- Location of Orient, Maine
- Coordinates: 45°49′21″N 67°52′26″W﻿ / ﻿45.82250°N 67.87389°W
- Country: United States
- State: Maine
- County: Aroostook

Area
- • Total: 37.67 sq mi (97.56 km^{2})
- • Land: 35.52 sq mi (92.00 km^{2})
- • Water: 2.15 sq mi (5.57 km^{2})
- Elevation: 449 ft (137 m)

Population (2020)
- • Total: 156
- • Density: 4.4/sq mi (1.7/km^{2})
- Time zone: UTC−5 (Eastern (EST))
- • Summer (DST): UTC−4 (EDT)
- ZIP Code: 04471
- Area code: 207
- FIPS code: 23-55435
- GNIS feature ID: 582649
- Website: orienttownoffice.com

= Orient, Maine =

Town in Maine, United States

Orient is a town in Aroostook County, Maine, United States. The population was 156 at the 2020 census.

==Geography==
According to the United States Census Bureau, the town has a total area of 37.67 sqmi, of which 35.52 sqmi is land and 2.15 sqmi is water. The town is bordered on the north by the town of Amity, on the south by the town of Weston, on the west by the town of Haynesville, and on the east by the Saint Croix River and the parish of North Lake, New Brunswick, which are connected by the Orient–Fosterville Border Crossing.

==Demographics==

Historical population
| Census | Pop. | Note | %± |
| 1850 | 205 |  | — |
| 1860 | 233 |  | 13.7% |
| 1870 | 219 |  | −6.0% |
| 1880 | 224 |  | 2.3% |
| 1890 | 244 |  | 8.9% |
| 1900 | 208 |  | −14.8% |
| 1910 | 187 |  | −10.1% |
| 1920 | 170 |  | −9.1% |
| 1930 | 161 |  | −5.3% |
| 1940 | 147 |  | −8.7% |
| 1950 | 176 |  | 19.7% |
| 1960 | 124 |  | −29.5% |
| 1970 | 83 |  | −33.1% |
| 1980 | 97 |  | 16.9% |
| 1990 | 157 |  | 61.9% |
| 2000 | 145 |  | −7.6% |
| 2010 | 147 |  | 1.4% |
| 2020 | 156 |  | 6.1% |
U.S. Decennial Census

===2010 census===
As of the census of 2010, there were 147 people, 63 households, and 39 families living in the town. The population density was 4.1 PD/sqmi. There were 282 housing units at an average density of 7.9 /sqmi. The racial makeup of the town was 95.9% White, 0.7% Native American, and 3.4% from two or more races. Hispanic or Latino of any race were 2.0% of the population.

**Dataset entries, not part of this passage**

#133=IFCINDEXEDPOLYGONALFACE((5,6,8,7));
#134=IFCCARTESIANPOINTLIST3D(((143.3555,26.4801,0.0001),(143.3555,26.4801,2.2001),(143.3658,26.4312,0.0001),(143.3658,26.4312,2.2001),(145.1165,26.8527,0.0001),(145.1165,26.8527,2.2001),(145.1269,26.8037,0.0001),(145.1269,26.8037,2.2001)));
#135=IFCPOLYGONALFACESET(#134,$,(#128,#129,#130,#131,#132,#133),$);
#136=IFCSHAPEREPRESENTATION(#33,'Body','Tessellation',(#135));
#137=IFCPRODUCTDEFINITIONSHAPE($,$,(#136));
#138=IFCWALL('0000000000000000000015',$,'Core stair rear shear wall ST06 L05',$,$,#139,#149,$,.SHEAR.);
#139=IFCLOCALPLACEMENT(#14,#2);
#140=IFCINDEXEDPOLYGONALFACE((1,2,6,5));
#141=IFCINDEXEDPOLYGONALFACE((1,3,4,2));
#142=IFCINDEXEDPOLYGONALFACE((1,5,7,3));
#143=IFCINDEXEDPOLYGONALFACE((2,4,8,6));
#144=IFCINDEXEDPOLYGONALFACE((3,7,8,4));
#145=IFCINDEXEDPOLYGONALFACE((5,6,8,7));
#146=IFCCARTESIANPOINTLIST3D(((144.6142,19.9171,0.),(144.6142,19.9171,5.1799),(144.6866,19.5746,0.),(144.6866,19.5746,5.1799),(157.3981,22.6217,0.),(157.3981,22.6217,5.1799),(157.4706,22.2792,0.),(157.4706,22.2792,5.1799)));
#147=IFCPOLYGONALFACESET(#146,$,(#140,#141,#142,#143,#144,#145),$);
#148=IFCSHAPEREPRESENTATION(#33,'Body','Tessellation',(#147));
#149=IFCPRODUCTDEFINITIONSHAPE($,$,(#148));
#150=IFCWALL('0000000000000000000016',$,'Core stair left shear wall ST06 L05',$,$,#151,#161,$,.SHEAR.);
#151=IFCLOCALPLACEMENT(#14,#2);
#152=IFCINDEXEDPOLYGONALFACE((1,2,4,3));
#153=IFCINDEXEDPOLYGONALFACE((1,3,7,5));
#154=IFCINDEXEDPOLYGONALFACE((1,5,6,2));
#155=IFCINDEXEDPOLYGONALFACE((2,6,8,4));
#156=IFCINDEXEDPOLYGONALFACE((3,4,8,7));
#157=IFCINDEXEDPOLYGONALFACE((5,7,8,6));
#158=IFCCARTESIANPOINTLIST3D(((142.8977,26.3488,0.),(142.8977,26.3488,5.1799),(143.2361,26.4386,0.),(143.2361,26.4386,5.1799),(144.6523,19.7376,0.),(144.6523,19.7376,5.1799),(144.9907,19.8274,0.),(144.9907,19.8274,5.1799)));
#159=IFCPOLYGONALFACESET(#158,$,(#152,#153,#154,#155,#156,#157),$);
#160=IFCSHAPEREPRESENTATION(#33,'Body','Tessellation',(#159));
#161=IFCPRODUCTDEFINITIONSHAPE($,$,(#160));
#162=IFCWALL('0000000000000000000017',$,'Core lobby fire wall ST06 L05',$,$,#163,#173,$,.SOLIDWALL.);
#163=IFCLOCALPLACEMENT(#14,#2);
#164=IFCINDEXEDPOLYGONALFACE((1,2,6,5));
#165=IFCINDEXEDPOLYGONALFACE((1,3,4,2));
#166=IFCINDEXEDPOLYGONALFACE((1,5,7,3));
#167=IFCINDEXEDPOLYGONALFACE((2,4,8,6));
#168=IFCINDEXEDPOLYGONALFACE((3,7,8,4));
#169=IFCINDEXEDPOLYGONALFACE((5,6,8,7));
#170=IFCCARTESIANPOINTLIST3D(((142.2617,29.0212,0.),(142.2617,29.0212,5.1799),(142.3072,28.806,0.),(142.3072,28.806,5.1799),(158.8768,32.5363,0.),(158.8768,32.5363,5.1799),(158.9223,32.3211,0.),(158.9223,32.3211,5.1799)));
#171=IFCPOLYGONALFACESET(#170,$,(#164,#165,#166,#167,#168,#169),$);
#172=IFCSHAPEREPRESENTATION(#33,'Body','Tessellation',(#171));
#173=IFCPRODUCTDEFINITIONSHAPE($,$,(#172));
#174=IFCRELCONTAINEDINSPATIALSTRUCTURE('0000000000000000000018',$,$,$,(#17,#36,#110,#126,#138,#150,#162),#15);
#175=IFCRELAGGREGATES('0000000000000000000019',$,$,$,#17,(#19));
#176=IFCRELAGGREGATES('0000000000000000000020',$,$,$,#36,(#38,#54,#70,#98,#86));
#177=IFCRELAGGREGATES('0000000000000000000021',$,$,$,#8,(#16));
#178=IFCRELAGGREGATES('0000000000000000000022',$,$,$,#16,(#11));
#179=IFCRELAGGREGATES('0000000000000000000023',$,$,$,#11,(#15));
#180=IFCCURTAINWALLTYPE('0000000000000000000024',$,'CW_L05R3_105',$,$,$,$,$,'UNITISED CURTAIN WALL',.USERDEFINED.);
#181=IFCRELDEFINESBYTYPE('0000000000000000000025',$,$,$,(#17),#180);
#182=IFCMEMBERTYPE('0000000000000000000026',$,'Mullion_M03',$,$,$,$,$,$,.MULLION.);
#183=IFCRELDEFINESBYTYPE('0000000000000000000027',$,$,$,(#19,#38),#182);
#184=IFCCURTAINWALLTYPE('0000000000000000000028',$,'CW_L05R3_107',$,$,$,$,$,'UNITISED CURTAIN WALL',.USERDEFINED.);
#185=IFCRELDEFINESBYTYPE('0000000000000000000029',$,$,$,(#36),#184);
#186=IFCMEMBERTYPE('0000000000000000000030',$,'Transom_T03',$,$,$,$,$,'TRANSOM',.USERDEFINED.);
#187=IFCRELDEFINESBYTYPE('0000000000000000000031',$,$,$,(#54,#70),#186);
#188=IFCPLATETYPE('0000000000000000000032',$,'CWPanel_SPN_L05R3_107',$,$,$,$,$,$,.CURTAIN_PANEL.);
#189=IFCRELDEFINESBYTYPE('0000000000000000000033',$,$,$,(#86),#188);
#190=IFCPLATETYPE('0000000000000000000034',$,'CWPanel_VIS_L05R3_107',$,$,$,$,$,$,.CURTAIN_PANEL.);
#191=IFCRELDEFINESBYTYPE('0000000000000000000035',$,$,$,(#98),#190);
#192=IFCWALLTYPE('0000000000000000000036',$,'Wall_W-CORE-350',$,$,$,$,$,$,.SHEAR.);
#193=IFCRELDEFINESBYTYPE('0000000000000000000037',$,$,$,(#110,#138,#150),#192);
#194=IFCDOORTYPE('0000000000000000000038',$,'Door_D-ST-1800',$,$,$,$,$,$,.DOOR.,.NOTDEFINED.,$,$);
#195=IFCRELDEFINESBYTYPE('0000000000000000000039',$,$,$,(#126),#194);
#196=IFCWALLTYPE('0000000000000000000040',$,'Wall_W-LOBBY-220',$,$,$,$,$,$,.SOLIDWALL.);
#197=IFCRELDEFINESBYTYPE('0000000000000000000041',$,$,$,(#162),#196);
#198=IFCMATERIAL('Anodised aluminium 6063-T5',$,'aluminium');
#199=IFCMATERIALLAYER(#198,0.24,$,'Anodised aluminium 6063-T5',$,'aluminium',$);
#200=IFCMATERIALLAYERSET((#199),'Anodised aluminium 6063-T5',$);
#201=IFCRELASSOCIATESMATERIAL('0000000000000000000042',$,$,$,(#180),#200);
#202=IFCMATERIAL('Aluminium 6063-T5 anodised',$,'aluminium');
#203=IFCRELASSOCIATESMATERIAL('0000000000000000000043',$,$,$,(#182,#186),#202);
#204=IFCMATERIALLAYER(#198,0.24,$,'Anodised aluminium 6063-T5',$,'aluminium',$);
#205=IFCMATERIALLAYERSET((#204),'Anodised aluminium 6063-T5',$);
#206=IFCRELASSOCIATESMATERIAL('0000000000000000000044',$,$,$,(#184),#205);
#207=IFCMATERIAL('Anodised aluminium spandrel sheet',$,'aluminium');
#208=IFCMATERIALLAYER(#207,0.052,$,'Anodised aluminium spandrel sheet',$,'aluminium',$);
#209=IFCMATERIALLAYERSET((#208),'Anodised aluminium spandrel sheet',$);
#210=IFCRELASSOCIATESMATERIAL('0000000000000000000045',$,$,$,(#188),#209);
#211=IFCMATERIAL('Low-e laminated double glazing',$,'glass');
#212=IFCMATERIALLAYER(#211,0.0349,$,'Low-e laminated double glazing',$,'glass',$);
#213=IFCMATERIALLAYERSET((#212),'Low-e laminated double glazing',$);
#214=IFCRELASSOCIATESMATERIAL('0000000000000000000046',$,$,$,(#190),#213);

There were 63 households, of which 25.4% had children under the age of 18 living with them, 46.0% were married couples living together, 12.7% had a female householder with no husband present, 3.2% had a male householder with no wife present, and 38.1% were non-families. 25.4% of all households were made up of individuals, and 4.8% had someone living alone who was 65 years of age or older. The average household size was 2.33 and the average family size was 2.69.

The median age in the town was 47.3 years. 19% of residents were under the age of 18; 9% were between the ages of 18 and 24; 18.4% were from 25 to 44; 38.1% were from 45 to 64; and 15.6% were 65 years of age or older. The gender makeup of the town was 53.7% male and 46.3% female.

===2000 census===
As of the census of 2000, there were 145 people, 61 households, and 40 families living in the town. The population density was 4.1 people per square mile (1.6/km^{2}). There were 270 housing units at an average density of 7.5 per square mile (2.9/km^{2}). The racial makeup of the town was 100.00% White. Hispanic or Latino of any race were 0.69% of the population.

There were 61 households, out of which 31.1% had children under the age of 18 living with them, 50.8% were married couples living together, 9.8% had a female householder with no husband present, and 32.8% were non-families. 23.0% of all households were made up of individuals, and 6.6% had someone living alone who was 65 years of age or older. The average household size was 2.38 and the average family size was 2.76.

In the town, the age distribution of the population shows 22.8% under the age of 18, 4.8% from 18 to 24, 28.3% from 25 to 44, 24.8% from 45 to 64, and 19.3% who were 65 years of age or older. The median age was 42 years. For every 100 females, there were 107.1 males. For every 100 females age 18 and over, there were 111.3 males.

The median income for a household in the town was $19,750, and the median income for a family was $26,250. Males had a median income of $36,250 versus $20,625 for females. The per capita income for the town was $12,131. There were 18.2% of families and 29.6% of the population living below the poverty line, including 29.7% of under eighteens and 6.5% of those over 64.